Prince Felix Felixovich Yusupov, Count Sumarokov-Elston (;  – 27 September 1967) was a Russian aristocrat from the Yusupov family who is best known for participating in the assassination of Grigori Rasputin and for marrying Princess Irina Alexandrovna, a niece of Tsar Nicholas II.

Early life
He was born in the Moika Palace in Saint Petersburg, the capital of the Russian Empire. His father was Count Felix Felixovich Sumarokov-Elston, the son of Count Felix Nikolaievich Sumarokov-Elston. Zinaida Yusupova, his mother, was the last of the Yusupov line, of Tatar origin, and very wealthy. For the Yusupov name not to die out, his father (1856, Saint Petersburg – 1928, Rome, Italy) was granted the title and the surname of his wife, Princess Zinaida Yusupova, on 11 June 1885, a year after their marriage, but effective after the death of his father-in-law in 1891.

The Yusupov family, one of the richest families in Imperial Russia, had acquired their wealth generations earlier.
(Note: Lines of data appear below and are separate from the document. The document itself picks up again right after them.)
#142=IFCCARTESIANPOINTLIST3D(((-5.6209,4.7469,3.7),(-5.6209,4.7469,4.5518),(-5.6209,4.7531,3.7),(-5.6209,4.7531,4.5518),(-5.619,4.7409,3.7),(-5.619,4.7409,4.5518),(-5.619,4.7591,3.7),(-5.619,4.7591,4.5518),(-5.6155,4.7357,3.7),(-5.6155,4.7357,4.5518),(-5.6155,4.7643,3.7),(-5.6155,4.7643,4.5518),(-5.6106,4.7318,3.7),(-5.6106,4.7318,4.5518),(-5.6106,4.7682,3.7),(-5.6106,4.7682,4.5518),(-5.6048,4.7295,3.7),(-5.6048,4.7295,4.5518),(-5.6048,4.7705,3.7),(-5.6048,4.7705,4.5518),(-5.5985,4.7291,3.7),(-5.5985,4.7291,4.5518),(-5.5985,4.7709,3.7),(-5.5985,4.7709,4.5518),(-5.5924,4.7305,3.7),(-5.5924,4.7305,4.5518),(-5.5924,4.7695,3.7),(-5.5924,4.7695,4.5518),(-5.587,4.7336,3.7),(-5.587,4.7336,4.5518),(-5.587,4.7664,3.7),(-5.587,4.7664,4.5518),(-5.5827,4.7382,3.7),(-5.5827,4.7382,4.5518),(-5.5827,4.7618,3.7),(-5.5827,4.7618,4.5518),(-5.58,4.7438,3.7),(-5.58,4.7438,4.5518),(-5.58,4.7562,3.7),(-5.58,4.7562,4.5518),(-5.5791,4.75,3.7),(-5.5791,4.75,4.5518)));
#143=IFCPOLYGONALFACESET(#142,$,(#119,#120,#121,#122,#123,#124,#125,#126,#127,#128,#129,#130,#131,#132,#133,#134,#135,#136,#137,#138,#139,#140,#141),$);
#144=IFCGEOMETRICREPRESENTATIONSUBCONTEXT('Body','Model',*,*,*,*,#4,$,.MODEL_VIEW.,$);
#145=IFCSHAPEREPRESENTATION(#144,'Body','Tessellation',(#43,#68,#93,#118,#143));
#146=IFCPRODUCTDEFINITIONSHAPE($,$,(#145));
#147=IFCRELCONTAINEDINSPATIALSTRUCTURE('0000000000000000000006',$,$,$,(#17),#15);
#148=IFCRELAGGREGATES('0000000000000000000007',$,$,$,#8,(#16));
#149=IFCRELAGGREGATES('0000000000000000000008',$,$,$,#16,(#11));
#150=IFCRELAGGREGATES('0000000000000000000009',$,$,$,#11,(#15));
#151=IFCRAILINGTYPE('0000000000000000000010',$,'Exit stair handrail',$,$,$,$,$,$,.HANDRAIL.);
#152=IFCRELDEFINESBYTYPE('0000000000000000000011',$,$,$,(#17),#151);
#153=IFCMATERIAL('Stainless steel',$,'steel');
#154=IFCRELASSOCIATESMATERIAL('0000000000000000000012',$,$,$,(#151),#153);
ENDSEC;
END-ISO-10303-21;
It included four palaces in Saint Petersburg, three palaces in Moscow, 37 estates in different parts of Russia, on the Crimea (at Koreiz, Kökköz and Balaklava), coal and iron-ore mines, plants and factories, flour mills and oil fields on the Caspian Sea. His father served between 1886 and 1904 as an adjutant to Grand Duke Sergei Alexandrovich was appointed General-Governor of Moscow (with the support of Grand Duke Nikolas Nikolaevich).
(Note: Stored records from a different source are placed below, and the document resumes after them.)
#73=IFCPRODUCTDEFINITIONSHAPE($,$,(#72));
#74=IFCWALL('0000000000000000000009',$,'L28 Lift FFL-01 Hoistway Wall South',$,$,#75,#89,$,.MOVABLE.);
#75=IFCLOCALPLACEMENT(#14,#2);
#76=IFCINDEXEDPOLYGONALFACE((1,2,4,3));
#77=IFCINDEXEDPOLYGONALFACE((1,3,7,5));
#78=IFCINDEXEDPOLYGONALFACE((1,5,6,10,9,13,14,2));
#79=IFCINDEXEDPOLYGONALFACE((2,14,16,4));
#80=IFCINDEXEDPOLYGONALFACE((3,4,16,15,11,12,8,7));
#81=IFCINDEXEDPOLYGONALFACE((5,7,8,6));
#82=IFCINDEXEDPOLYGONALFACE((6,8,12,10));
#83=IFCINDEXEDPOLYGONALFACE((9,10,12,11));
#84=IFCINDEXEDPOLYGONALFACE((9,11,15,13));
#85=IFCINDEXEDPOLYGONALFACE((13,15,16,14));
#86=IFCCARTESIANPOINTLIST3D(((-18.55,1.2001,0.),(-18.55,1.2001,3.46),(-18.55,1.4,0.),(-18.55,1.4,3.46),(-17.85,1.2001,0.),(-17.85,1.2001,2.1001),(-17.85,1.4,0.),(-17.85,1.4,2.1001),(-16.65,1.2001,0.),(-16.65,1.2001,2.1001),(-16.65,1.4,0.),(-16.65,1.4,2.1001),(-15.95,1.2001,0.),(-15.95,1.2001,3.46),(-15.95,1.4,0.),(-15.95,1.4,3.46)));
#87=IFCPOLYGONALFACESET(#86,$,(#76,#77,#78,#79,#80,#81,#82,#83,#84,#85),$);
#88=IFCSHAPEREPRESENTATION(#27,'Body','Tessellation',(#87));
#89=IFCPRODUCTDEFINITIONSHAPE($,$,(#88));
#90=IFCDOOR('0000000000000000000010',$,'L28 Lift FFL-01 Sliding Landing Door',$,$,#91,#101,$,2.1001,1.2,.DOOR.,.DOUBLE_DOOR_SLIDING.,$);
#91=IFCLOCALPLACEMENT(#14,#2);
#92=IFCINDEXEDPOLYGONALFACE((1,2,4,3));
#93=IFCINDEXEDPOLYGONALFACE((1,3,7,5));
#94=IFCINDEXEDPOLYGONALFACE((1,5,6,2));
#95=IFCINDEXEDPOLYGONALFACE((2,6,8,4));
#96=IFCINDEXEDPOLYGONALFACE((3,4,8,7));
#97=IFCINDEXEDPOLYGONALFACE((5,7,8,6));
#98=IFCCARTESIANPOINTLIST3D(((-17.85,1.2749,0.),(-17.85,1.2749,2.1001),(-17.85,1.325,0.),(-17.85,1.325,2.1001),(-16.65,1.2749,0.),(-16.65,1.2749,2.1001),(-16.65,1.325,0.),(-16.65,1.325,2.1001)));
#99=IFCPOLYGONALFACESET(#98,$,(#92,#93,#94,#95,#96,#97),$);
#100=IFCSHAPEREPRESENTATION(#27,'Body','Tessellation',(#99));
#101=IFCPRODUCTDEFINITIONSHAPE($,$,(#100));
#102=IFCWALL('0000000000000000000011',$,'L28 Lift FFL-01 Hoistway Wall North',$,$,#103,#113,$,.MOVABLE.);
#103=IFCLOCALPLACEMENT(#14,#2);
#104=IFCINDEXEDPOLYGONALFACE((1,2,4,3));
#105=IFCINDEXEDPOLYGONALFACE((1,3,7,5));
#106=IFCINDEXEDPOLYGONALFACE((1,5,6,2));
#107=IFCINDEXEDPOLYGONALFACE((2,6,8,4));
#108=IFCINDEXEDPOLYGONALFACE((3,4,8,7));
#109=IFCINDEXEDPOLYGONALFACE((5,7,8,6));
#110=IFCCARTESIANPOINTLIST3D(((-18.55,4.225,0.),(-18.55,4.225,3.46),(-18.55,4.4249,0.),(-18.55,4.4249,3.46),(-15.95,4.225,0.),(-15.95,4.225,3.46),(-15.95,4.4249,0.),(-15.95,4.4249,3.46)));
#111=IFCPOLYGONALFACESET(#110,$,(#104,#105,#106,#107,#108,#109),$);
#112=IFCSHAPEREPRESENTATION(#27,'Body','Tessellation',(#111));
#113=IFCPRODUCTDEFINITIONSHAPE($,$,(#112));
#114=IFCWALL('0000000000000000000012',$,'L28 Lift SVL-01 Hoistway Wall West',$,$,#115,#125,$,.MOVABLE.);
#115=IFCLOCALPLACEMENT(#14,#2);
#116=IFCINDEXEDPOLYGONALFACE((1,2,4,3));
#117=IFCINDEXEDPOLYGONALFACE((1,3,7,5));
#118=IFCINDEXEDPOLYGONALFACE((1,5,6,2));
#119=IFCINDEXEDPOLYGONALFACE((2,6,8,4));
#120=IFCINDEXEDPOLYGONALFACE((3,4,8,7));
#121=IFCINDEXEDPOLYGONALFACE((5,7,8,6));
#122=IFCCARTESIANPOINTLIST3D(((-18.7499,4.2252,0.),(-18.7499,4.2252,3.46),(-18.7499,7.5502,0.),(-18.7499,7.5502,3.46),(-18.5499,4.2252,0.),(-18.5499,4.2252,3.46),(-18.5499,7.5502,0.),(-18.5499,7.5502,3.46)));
Felix led a flamboyant life. As a young man, he cross-dressed, wearing ball gowns and his mother's jewelry to public events. From 1909 to 1913, he studied Forestry and later English at University College, Oxford, where he was a member of the Bullingdon Club, and established the Oxford Russian Club. Yusupov was living on 14 King Edward Street, had a Russian cook, a French driver, an English valet, and a housekeeper, and spent much of his time partying. He owned three horses, a macaw, and a bulldog called Punch. He smoked hashish, danced tango and became friendly with Luigi Franchetti, a piano player, and Jacques de Beistegui, who both moved in. At some time, Yusupov became acquainted with Albert Stopford and Oswald Rayner, a classmate. He rented an apartment in Curzon Street, Mayfair, and met several times with the ballerina Anna Pavlova, who lived in Hampstead.

Marriage

The engagement took place in the fall of 1913 in the Yusupov Palace in Koreiz. Back in Saint Petersburg, he married Princess Irina of Russia, the Tsar's only niece, in the Anichkov Palace on 22 February 1914. The bride was wearing a veil that had belonged to Marie Antoinette. The Yusupovs went on honeymoon to the Crimea, Italy, Egypt, Jerusalem, London, and Bad Kissingen in Germany, where his parents were staying. No one suspected this would be the last grand wedding in the Russian Empire.

World War I
When World War I broke out in August 1914, both were briefly detained in Berlin. Irina asked her relative, Crown Princess Cecilie of Prussia, to intervene with Kaiser Wilhelm II. The Kaiser refused to permit the Yusupov family to leave but offered them a choice of three country estates to live in for the duration of the war. Felix's father appealed to the Spanish ambassador in Germany and won permission for them to return to Russia via neutral Denmark to the Grand Duchy of Finland and from there to Saint Petersburg. 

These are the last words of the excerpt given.